Jane Eyre est souvent dans les livres préférés des blogueurs, se retrouve sur toutes sortes de palmarès, dans la liste des 1000 livres qu’il faut avoir lu et aussi dans la liste de mon défi lecture. D’ailleurs, c’est un peu à cause de sa popularité que je l’ai choisi. Ce livre méritait-il toute l’attention qu’il avait? Où était-ce un autre roman d’amour sirupeux à la Dame au Camélia ou Madame Bovary que j’ai lu ce printemps? Je dois dire que j’étais pleine d’appréhension et le livre, écrit en petits caractères avec une peinture ennuyante comme couverture, n’aidait pas à augmenter l’attrait. Mais bon, je suis plus forte que 600 pages de petits caractères et j’ai passé à travers. Je ne l’ai pas regretté. Jane Eyre est une vraie héroïne. Sans qualité apparente, elle sait se faire aimer et sortir son épingle du jeu grâce à ses valeurs et à son esprit vif. J’ai adoré le personnage. Même si l’histoire et les valeurs sont d’une autre époque, j’ai pu m’identifié à elle, comme on le fait aujourd’hui avec des héroïnes modernes tel Bridget Jones. Je peux facilement imaginer des jeunes filles de l’époque savourant ce roman et rêvant d’un destin à la Jane Eyre.

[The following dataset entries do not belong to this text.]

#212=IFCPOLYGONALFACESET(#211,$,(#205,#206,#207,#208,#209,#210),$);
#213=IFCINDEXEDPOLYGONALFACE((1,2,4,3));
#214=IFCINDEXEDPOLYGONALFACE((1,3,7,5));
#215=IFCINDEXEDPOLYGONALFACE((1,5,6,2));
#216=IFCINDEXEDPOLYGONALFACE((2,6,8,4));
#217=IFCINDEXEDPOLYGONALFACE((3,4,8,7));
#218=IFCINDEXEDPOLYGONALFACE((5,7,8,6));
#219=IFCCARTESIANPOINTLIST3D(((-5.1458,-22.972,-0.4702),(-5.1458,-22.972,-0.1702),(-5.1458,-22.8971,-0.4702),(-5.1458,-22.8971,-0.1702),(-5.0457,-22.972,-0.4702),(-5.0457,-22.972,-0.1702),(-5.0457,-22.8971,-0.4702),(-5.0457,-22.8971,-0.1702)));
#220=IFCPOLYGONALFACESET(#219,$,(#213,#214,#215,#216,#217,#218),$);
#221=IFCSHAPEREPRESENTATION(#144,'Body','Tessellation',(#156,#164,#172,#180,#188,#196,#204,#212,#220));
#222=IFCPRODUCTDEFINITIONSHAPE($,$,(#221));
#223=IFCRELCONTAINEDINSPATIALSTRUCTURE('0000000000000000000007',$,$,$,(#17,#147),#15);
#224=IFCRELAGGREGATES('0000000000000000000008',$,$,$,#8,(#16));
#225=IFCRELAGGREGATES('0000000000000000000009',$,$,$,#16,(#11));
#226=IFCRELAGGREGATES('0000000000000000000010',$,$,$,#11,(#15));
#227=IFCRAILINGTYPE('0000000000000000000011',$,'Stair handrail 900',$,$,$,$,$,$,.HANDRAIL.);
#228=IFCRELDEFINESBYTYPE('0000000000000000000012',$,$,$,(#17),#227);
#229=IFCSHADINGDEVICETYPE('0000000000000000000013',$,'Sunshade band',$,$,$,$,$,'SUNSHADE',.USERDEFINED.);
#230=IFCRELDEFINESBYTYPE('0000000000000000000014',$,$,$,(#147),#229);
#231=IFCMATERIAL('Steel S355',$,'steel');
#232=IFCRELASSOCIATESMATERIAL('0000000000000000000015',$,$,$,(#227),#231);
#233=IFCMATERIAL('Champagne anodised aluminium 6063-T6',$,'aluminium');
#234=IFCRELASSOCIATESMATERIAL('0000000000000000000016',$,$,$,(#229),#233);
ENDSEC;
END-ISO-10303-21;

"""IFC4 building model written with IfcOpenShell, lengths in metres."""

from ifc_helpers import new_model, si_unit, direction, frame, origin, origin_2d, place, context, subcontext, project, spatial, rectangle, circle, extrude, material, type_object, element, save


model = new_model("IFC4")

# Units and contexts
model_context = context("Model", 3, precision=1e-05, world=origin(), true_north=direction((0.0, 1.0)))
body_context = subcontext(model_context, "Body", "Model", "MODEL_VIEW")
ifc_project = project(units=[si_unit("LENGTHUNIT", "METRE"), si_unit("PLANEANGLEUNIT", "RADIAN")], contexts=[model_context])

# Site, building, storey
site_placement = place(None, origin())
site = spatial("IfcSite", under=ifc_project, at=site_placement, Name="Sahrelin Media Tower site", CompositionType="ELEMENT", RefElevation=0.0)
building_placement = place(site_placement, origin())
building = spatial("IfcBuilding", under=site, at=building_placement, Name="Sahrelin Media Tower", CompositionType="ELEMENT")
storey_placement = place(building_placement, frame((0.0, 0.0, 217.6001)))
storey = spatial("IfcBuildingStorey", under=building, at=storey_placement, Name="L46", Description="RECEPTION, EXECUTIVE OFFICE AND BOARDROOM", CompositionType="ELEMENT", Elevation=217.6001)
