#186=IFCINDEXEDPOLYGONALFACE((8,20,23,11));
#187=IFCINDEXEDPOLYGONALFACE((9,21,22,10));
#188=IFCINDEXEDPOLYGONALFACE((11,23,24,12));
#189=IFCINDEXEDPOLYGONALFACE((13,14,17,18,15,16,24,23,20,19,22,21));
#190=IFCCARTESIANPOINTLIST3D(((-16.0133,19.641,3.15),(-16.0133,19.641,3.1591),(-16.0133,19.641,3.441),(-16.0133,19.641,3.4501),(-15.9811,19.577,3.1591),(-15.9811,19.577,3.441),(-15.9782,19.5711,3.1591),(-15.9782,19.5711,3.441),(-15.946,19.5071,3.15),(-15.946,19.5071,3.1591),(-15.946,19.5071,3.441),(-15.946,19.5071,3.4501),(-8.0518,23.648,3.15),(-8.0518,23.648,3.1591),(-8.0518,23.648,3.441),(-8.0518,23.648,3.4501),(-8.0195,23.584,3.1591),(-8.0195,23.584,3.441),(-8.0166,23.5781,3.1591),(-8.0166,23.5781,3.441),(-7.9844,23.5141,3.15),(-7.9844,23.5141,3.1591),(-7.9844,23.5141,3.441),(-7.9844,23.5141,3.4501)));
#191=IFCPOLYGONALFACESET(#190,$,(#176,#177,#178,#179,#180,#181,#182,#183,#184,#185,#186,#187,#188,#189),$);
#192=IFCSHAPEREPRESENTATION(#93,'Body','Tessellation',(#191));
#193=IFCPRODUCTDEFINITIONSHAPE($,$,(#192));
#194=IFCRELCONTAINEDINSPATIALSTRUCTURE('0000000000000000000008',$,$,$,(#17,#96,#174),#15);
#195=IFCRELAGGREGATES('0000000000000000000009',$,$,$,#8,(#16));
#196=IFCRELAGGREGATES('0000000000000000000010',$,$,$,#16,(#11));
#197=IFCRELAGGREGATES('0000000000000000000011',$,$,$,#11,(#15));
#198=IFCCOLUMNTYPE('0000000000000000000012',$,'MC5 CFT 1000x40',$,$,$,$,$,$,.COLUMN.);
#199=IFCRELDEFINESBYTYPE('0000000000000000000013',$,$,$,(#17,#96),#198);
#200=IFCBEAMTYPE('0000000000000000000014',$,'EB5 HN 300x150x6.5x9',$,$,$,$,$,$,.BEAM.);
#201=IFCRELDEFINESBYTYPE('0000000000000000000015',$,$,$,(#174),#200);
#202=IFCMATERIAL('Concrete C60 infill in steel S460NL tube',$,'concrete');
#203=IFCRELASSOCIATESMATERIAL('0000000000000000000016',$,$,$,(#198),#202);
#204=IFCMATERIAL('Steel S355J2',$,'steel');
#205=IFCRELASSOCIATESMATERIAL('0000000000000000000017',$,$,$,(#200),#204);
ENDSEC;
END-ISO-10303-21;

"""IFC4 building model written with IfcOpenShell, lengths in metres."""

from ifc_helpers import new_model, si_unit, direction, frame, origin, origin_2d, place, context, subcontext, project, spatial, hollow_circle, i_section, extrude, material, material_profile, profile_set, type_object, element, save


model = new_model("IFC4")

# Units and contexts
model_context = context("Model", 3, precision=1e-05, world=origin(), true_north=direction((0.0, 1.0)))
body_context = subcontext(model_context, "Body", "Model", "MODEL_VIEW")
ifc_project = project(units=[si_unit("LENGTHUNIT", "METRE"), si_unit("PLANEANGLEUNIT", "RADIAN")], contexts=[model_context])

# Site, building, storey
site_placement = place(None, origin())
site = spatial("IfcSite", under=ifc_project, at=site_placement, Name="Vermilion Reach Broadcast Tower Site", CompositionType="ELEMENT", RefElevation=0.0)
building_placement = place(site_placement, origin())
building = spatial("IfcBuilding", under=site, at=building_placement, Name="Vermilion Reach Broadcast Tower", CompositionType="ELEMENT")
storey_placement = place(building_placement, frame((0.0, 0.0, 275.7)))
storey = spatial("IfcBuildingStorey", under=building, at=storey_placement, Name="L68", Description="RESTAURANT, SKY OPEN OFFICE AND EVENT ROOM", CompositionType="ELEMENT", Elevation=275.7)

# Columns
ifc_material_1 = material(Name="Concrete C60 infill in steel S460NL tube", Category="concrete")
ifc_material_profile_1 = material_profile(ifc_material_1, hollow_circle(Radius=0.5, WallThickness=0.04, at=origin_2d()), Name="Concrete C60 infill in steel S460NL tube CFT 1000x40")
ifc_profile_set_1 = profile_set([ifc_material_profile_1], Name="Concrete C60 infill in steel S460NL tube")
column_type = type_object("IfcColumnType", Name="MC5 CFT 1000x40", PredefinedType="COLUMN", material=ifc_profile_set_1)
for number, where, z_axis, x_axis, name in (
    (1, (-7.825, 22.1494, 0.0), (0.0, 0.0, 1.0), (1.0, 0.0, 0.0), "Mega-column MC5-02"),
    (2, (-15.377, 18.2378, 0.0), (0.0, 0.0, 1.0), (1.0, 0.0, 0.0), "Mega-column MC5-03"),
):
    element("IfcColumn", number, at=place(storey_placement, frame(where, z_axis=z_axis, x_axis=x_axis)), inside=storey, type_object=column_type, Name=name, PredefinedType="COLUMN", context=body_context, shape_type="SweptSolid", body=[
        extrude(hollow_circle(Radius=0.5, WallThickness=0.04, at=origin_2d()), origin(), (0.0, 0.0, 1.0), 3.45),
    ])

Bien que plusieurs personnes préfèrent les romans contemporains pour la fluidité du langage, Jane Eyre ne m’a pas paru lourd. Bien sûr (la traduction française) utilise un français moins utilisé de nos jours, mais le roman n’est pas alourdit inutilement par des descriptions qui ne finissent plus, comme l’est l’interminable Madame Bovary.
Bref, j’ai beaucoup aimé et j’ai bien apprécié le fait que je ne connaissais pas l’histoire et que le roman a su me surprendre à plusieurs reprises. D’ailleurs, si vous avez l’édition du Livre de Poche, ne lisez surtout pas le résumé à l’arrière du livre, il contient des « spoilers ».